The station ids within the DataFrame:
station_ids = stations.STATION_ID.unique()
can be used to download the observation data:
request = DWDStationRequest(
station_ids=station_ids,
parameter=[Parameter.TEMPERATURE_AIR, Parameter.SOLAR],
time_resolution=TimeResolution.HOURLY,
start_date="1990-01-01",
end_date="2020-01-01",
tidy_data=True,
humanize_column_names=True,
write_file=True,
prefer_local=True
)
for df in request.collect_data():
# analyse the station here
Et voila: We just got the data we wanted for our location and are ready to analyse the temperature on historical developments.
Querying data using SQL is provided by an in-memory DuckDB database. In order to explore what is possible, please have a look at the DuckDB SQL introduction.

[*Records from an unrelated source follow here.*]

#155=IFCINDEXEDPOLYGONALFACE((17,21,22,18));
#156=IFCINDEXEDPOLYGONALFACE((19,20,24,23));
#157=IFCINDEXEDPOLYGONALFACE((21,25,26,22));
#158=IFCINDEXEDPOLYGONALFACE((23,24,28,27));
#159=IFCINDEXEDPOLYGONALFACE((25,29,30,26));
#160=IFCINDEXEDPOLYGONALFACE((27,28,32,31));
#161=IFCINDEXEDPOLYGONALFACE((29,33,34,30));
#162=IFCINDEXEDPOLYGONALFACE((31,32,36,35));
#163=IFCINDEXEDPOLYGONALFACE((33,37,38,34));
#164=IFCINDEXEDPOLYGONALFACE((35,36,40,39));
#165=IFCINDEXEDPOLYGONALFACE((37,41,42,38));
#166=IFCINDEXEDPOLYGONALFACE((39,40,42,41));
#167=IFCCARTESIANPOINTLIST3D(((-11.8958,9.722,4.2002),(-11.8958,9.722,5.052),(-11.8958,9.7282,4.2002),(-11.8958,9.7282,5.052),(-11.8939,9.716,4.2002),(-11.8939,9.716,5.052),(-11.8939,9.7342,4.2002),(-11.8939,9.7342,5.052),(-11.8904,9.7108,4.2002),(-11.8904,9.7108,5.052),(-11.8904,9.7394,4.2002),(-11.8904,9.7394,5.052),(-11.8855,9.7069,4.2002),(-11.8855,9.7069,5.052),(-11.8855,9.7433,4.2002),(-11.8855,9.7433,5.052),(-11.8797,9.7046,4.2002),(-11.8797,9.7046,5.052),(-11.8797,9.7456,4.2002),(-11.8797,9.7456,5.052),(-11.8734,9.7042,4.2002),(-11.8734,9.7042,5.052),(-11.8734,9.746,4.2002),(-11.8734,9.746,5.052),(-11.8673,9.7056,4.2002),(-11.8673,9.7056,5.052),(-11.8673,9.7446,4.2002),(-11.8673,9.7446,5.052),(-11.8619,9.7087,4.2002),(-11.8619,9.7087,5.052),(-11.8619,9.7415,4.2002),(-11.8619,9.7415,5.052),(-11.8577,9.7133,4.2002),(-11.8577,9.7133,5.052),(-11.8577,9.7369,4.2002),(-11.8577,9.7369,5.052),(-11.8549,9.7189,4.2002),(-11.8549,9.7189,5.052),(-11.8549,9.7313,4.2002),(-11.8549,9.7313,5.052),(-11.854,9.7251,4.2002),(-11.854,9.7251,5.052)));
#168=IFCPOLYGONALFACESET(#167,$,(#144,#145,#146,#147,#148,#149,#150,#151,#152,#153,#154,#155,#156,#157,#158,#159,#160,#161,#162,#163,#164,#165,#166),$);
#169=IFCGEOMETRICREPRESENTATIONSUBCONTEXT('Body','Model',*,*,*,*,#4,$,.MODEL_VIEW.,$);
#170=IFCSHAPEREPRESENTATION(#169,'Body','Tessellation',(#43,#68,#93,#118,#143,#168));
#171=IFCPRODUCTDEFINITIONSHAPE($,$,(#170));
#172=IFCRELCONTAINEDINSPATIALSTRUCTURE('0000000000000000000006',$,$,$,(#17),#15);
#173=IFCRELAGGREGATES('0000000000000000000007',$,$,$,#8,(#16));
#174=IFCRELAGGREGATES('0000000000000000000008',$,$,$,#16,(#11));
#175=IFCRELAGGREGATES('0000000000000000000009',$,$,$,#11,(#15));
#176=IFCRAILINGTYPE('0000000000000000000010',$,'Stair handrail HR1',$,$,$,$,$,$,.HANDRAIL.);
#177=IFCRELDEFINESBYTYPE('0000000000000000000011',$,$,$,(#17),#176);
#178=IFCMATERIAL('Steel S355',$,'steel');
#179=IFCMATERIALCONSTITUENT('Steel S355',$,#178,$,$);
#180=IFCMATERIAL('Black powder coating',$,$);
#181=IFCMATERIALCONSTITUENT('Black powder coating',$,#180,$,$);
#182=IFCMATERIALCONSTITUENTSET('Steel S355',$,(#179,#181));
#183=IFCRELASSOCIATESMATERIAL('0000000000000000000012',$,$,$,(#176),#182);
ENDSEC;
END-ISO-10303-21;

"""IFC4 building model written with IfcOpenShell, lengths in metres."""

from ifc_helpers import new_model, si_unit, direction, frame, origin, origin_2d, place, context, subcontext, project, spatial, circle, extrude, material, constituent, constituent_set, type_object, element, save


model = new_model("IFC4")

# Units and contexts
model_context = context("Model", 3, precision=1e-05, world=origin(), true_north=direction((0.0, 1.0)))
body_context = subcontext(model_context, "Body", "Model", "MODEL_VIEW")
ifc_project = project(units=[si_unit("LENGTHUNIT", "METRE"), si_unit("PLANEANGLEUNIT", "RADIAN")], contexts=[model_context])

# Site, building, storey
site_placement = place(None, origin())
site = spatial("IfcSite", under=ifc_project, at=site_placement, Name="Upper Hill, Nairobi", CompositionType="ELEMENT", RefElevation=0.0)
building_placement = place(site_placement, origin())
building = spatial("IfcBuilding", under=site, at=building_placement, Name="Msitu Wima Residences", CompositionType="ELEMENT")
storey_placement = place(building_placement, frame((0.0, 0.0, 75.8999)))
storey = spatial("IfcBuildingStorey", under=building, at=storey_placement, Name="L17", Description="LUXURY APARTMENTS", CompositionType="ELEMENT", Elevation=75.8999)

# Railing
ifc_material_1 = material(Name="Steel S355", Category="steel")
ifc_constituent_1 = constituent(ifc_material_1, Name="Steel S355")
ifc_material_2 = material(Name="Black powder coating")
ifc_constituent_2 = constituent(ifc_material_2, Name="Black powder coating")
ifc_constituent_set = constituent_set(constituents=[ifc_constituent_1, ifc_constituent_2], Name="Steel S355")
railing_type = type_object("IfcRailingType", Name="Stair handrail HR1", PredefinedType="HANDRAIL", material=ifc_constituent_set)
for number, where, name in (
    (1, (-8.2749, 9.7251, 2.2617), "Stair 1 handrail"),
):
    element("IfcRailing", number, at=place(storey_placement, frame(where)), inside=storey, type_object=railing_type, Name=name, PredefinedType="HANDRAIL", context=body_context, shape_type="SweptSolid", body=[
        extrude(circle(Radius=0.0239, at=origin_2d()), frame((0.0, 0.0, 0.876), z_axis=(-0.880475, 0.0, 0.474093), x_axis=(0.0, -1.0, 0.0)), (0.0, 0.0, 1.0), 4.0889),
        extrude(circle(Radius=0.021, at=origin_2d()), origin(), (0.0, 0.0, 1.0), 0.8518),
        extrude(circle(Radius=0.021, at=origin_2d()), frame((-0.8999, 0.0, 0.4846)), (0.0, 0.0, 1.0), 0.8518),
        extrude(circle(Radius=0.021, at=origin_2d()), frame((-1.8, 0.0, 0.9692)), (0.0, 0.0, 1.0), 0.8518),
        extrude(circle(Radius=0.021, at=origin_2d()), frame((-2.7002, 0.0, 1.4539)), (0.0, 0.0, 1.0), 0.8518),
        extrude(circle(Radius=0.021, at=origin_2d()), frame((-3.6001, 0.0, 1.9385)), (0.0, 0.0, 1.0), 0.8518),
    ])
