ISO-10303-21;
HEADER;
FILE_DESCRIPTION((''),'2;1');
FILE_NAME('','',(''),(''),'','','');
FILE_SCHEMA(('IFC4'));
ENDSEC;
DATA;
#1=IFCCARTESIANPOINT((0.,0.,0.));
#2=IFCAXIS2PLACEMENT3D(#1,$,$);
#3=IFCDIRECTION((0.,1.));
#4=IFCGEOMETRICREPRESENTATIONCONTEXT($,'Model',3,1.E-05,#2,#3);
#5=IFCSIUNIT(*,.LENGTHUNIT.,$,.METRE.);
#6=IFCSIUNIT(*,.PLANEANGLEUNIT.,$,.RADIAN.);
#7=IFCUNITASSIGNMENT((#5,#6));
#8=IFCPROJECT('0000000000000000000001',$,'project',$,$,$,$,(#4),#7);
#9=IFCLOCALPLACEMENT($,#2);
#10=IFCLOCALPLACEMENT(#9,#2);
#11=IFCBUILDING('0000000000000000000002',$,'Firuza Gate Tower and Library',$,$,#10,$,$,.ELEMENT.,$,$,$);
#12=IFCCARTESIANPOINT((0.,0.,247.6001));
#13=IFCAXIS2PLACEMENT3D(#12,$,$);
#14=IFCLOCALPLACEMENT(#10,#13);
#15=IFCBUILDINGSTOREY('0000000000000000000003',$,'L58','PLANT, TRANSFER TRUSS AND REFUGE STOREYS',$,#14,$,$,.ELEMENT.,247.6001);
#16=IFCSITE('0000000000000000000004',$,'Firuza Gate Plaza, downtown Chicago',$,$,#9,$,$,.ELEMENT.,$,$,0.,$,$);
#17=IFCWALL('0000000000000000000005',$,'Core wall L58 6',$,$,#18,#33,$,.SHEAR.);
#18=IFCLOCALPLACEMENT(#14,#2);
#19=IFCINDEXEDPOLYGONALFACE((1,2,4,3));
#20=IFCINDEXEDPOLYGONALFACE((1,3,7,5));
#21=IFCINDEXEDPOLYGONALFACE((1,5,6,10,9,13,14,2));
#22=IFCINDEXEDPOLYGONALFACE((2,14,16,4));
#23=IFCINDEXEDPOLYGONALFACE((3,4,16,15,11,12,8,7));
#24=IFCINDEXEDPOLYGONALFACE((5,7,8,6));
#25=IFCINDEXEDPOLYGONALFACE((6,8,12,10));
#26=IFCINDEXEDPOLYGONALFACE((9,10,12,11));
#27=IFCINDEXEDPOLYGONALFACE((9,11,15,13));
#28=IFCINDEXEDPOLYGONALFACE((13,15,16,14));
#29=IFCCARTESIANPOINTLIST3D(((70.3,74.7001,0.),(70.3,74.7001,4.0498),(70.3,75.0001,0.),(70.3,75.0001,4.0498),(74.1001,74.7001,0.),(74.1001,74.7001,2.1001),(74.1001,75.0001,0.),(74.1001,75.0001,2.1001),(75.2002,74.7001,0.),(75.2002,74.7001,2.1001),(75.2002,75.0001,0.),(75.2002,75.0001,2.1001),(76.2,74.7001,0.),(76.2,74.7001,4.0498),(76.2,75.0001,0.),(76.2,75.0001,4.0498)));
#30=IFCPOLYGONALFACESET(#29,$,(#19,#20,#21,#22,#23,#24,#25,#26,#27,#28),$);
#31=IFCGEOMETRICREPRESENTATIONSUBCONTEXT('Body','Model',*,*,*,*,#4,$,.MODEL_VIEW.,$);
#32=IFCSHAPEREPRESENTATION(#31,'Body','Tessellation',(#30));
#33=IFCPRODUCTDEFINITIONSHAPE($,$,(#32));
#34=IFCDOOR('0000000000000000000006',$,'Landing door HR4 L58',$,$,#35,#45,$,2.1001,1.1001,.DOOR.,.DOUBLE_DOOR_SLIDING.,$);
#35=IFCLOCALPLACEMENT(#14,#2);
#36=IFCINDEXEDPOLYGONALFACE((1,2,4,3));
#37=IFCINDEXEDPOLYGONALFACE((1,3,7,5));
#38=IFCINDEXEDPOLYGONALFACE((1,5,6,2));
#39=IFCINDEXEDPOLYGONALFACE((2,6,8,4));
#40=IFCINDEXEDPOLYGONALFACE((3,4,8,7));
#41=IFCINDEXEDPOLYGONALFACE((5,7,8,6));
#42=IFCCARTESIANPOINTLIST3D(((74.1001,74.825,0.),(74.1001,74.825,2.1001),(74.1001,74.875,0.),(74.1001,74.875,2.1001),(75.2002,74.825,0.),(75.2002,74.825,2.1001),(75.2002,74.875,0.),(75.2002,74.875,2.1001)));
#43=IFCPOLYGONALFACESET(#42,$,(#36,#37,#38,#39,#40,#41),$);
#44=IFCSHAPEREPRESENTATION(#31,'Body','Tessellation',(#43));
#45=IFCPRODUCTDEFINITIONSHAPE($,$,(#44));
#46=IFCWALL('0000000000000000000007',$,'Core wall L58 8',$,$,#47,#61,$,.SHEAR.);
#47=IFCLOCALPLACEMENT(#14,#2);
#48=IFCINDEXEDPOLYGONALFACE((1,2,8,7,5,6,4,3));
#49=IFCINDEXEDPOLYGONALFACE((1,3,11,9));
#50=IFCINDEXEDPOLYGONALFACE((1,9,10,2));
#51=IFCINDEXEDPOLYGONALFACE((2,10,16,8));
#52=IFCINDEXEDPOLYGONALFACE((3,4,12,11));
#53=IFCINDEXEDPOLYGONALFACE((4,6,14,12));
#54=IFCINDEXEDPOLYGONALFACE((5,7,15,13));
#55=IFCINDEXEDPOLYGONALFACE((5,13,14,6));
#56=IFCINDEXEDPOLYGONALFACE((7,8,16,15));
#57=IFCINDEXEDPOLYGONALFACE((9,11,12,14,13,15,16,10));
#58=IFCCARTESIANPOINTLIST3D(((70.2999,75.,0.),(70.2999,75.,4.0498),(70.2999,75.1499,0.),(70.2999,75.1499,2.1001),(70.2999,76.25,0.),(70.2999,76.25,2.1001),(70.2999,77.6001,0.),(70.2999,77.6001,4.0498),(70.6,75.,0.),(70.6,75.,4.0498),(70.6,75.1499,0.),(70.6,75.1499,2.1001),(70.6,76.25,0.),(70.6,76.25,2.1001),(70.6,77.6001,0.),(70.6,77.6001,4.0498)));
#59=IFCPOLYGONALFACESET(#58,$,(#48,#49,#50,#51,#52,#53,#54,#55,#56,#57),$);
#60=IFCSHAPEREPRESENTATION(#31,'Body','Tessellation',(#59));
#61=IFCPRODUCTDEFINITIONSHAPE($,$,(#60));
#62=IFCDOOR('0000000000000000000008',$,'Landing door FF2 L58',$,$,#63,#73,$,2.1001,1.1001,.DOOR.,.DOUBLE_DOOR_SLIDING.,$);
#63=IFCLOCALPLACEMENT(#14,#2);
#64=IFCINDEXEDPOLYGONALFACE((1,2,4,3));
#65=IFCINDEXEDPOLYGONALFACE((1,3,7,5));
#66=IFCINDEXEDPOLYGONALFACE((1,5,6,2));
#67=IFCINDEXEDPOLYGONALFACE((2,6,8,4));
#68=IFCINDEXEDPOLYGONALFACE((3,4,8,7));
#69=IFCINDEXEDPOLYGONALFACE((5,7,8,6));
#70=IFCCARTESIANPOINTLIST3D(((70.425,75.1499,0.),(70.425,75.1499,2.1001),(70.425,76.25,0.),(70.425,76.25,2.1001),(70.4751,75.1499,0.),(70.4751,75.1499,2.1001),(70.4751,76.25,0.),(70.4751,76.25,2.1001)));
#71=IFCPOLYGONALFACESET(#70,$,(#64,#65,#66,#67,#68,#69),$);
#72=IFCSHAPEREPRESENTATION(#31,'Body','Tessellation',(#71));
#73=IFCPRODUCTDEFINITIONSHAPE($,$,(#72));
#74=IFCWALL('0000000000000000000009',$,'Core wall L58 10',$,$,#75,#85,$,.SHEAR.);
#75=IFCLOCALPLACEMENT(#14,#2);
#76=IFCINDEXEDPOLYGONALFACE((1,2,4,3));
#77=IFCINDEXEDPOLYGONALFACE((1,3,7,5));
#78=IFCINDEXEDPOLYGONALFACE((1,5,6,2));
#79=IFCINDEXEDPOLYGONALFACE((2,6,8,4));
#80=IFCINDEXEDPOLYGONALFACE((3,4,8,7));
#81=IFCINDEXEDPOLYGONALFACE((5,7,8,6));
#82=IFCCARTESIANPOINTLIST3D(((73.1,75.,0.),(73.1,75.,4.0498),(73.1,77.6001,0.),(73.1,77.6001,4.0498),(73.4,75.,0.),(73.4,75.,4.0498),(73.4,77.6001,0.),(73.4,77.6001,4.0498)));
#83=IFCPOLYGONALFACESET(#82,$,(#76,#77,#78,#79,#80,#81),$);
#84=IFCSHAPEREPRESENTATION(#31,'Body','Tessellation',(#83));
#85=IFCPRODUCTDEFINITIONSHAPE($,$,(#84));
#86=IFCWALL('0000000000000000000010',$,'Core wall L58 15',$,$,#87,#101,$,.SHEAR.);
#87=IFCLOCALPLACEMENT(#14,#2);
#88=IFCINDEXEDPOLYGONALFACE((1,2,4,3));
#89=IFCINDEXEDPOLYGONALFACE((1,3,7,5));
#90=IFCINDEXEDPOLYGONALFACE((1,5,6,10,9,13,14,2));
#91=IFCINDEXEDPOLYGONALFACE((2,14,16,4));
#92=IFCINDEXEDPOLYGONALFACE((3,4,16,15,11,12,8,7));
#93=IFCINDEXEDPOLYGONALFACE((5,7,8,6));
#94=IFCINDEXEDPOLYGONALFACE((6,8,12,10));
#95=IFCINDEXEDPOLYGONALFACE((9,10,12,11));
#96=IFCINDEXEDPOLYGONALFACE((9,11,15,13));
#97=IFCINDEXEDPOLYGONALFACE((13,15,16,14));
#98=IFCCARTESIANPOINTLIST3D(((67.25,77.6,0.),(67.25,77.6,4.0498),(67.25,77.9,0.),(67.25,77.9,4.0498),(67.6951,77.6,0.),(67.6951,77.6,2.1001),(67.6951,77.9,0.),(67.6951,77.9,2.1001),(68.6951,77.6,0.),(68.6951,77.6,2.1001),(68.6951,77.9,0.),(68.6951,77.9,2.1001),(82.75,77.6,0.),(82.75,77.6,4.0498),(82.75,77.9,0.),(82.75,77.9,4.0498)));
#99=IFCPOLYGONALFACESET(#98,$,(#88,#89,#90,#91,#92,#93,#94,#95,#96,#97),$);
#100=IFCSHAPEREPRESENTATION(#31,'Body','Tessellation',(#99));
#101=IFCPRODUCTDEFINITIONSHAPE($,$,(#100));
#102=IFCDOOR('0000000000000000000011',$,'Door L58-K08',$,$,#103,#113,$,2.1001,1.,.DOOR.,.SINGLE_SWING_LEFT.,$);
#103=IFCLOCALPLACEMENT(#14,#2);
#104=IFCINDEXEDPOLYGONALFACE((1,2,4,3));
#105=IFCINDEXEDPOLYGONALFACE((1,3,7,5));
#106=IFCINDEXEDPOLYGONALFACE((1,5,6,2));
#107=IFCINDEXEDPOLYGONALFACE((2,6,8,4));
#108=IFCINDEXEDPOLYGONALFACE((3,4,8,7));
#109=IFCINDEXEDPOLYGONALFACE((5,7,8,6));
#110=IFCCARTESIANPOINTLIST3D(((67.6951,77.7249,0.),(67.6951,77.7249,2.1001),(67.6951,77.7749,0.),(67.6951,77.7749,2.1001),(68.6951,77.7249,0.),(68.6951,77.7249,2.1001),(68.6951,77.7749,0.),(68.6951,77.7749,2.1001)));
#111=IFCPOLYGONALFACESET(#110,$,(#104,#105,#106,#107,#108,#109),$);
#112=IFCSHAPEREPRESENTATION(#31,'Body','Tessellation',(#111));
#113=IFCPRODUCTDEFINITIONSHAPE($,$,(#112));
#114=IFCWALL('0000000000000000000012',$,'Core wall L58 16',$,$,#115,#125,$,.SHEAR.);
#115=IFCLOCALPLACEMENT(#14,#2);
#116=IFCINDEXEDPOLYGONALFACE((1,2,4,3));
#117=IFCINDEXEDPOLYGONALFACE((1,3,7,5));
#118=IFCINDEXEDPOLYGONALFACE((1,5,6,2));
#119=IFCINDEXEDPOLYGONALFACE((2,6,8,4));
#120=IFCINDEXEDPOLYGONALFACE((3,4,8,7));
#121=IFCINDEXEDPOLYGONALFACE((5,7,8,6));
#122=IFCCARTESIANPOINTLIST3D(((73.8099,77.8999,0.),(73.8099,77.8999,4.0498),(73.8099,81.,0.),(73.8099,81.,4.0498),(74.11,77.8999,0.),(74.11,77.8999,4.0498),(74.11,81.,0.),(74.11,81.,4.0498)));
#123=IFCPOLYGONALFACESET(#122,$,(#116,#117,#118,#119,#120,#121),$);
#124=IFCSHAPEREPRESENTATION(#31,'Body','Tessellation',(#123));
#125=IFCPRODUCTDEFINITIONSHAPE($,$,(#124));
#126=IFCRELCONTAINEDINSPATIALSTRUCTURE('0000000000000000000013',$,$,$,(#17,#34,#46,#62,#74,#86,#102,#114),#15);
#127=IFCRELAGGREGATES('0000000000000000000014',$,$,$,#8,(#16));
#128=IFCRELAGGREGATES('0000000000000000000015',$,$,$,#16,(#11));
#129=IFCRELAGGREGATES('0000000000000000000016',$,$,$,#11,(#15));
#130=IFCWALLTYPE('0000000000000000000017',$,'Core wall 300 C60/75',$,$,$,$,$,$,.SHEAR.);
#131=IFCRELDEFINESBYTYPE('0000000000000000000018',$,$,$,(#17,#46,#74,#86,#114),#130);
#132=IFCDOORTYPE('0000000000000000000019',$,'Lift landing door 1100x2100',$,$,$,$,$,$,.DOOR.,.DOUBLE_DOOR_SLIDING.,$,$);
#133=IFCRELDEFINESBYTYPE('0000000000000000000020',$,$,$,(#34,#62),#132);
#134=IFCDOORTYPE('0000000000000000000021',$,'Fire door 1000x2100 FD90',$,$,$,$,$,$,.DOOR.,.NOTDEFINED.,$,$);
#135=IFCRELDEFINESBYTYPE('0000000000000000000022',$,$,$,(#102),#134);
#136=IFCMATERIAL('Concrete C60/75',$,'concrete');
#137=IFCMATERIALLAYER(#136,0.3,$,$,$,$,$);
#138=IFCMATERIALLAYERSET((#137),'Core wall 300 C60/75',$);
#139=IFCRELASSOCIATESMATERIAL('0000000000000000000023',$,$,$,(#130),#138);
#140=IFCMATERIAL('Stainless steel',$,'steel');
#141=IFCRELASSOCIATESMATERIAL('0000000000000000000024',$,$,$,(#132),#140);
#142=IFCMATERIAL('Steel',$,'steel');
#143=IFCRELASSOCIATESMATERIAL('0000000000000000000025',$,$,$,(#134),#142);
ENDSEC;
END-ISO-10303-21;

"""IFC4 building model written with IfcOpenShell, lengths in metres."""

from ifc_helpers import new_model, si_unit, direction, frame, frame_2d, origin, place, context, subcontext, project, spatial, rectangle, extrude, material, layer, layer_set, type_object, element, fill, save


model = new_model("IFC4")

# Units and contexts
model_context = context("Model", 3, precision=1e-05, world=origin(), true_north=direction((0.0, 1.0)))
body_context = subcontext(model_context, "Body", "Model", "MODEL_VIEW")
ifc_project = project(units=[si_unit("LENGTHUNIT", "METRE"), si_unit("PLANEANGLEUNIT", "RADIAN")], contexts=[model_context])

# Site, building, storey
site_placement = place(None, origin())
site = spatial("IfcSite", under=ifc_project, at=site_placement, Name="Firuza Gate Plaza, downtown Chicago", CompositionType="ELEMENT", RefElevation=0.0)
building_placement = place(site_placement, origin())
building = spatial("IfcBuilding", under=site, at=building_placement, Name="Firuza Gate Tower and Library", CompositionType="ELEMENT")
storey_placement = place(building_placement, frame((0.0, 0.0, 247.6001)))
storey = spatial("IfcBuildingStorey", under=building, at=storey_placement, Name="L58", Description="PLANT, TRANSFER TRUSS AND REFUGE STOREYS", CompositionType="ELEMENT", Elevation=247.6001)

# Shared definitions
ifc_material_1 = material(Name="Concrete C60/75", Category="concrete")
ifc_layer_1 = layer(ifc_material_1, 0.3)
ifc_layer_set_1 = layer_set([ifc_layer_1], Name="Core wall 300 C60/75")
wall_type_1 = type_object("IfcWallType", Name="Core wall 300 C60/75", PredefinedType="SHEAR", material=ifc_layer_set_1)
ifc_material_2 = material(Name="Stainless steel", Category="steel")
door_type_1 = type_object("IfcDoorType", Name="Lift landing door 1100x2100", OperationType="DOUBLE_DOOR_SLIDING", PredefinedType="DOOR", material=ifc_material_2)

# Walls, openings, doors
wall_1_placement = place(storey_placement, frame((70.3, 74.8501, 0.0), z_axis=(0.0, 0.0, 1.0), x_axis=(1.0, 0.0, 0.0)))
wall_1 = element("IfcWall", 1, at=wall_1_placement, inside=storey, type_object=wall_type_1, Name="Core wall L58 6", PredefinedType="SHEAR", context=body_context, shape_type="SweptSolid", body=[
    extrude(rectangle(XDim=5.8999, YDim=0.3, at=frame_2d((2.95, 0.0))), origin(), (0.0, 0.0, 1.0), 4.0498),
])
opening_1_placement = place(wall_1_placement, frame((3.8, 0.0, 0.0)))
opening_1 = element("IfcOpeningElement", 2, at=opening_1_placement, cuts=wall_1, PredefinedType="OPENING", context=body_context, shape_type="SweptSolid", body=[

The result data is provided through a virtual table called data
.
from wetterdienst import DWDStationRequest, DataPackage
from wetterdienst import Parameter, PeriodType, TimeResolution
request = DWDStationRequest(
station_ids=[1048],
parameter=[Parameter.TEMPERATURE_AIR],
time_resolution=TimeResolution.HOURLY,
start_date="2019-01-01",
end_date="2020-01-01",
tidy_data=True,
humanize_column_names=True,
prefer_local=True,
write_file=True,
)
data = DataPackage(request=request)
data.lowercase_fieldnames()
df = data.filter_by_sql("SELECT * FROM data WHERE element='temperature_air_200' AND value < -7.0;")
print(df)
Data can be exported to SQLite, DuckDB, InfluxDB, CrateDB and more targets. A target is identified by a connection string.
Examples:
- sqlite:///dwd.sqlite?table=weather
- duckdb:///dwd.duckdb?table=weather
- influxdb://localhost/?database=dwd&table=weather
- crate://localhost/?database=dwd&table=weather
from wetterdienst import DWDStationRequest, DataPackage
from wetterdienst import Parameter, PeriodType, TimeResolution
request = DWDStationRequest(
station_ids=[1048],
parameter=[Parameter.TEMPERATURE_AIR],
time_resolution=TimeResolution.HOURLY,
start_date="2019-01-01",
end_date="2020-01-01",
tidy_data=True,
humanize_column_names=True,
prefer_local=True,
write_file=True,
)
data = DataPackage(request=request)
data.lowercase_fieldnames()
data.export("influxdb://localhost/?database=dwd&table=weather")
Yet to be implemented...
To use DWDRadolanRequest
, you have to provide a time resolution (either hourly or daily) and date_times
(list of datetimes or strings) or a start date and end date. Datetimes are rounded to HH:50min as the data is packaged for this minute step. Additionally, you can provide a folder to store/restore RADOLAN data to/from the local filesystem.
This is a short snippet which should give you an idea how to use DWDRadolanRequest
together with wradlib
. For a more thorough example, please have a look at example/radolan.py.
from wetterdienst import DWDRadolanRequest, TimeResolution
import wradlib as wrl
radolan = DWDRadolanRequest(
TimeResolution.DAILY,
start_date="2020-09-04T12:00:00",
end_date="2020-09-04T12:00:00"
)
for item in radolan.collect_data():
# Decode item.
timestamp, buffer = item
# Decode data using wradlib.
data, attributes = wrl.io.read_radolan_composite(buffer)
# Do something with the data (numpy.ndarray) here.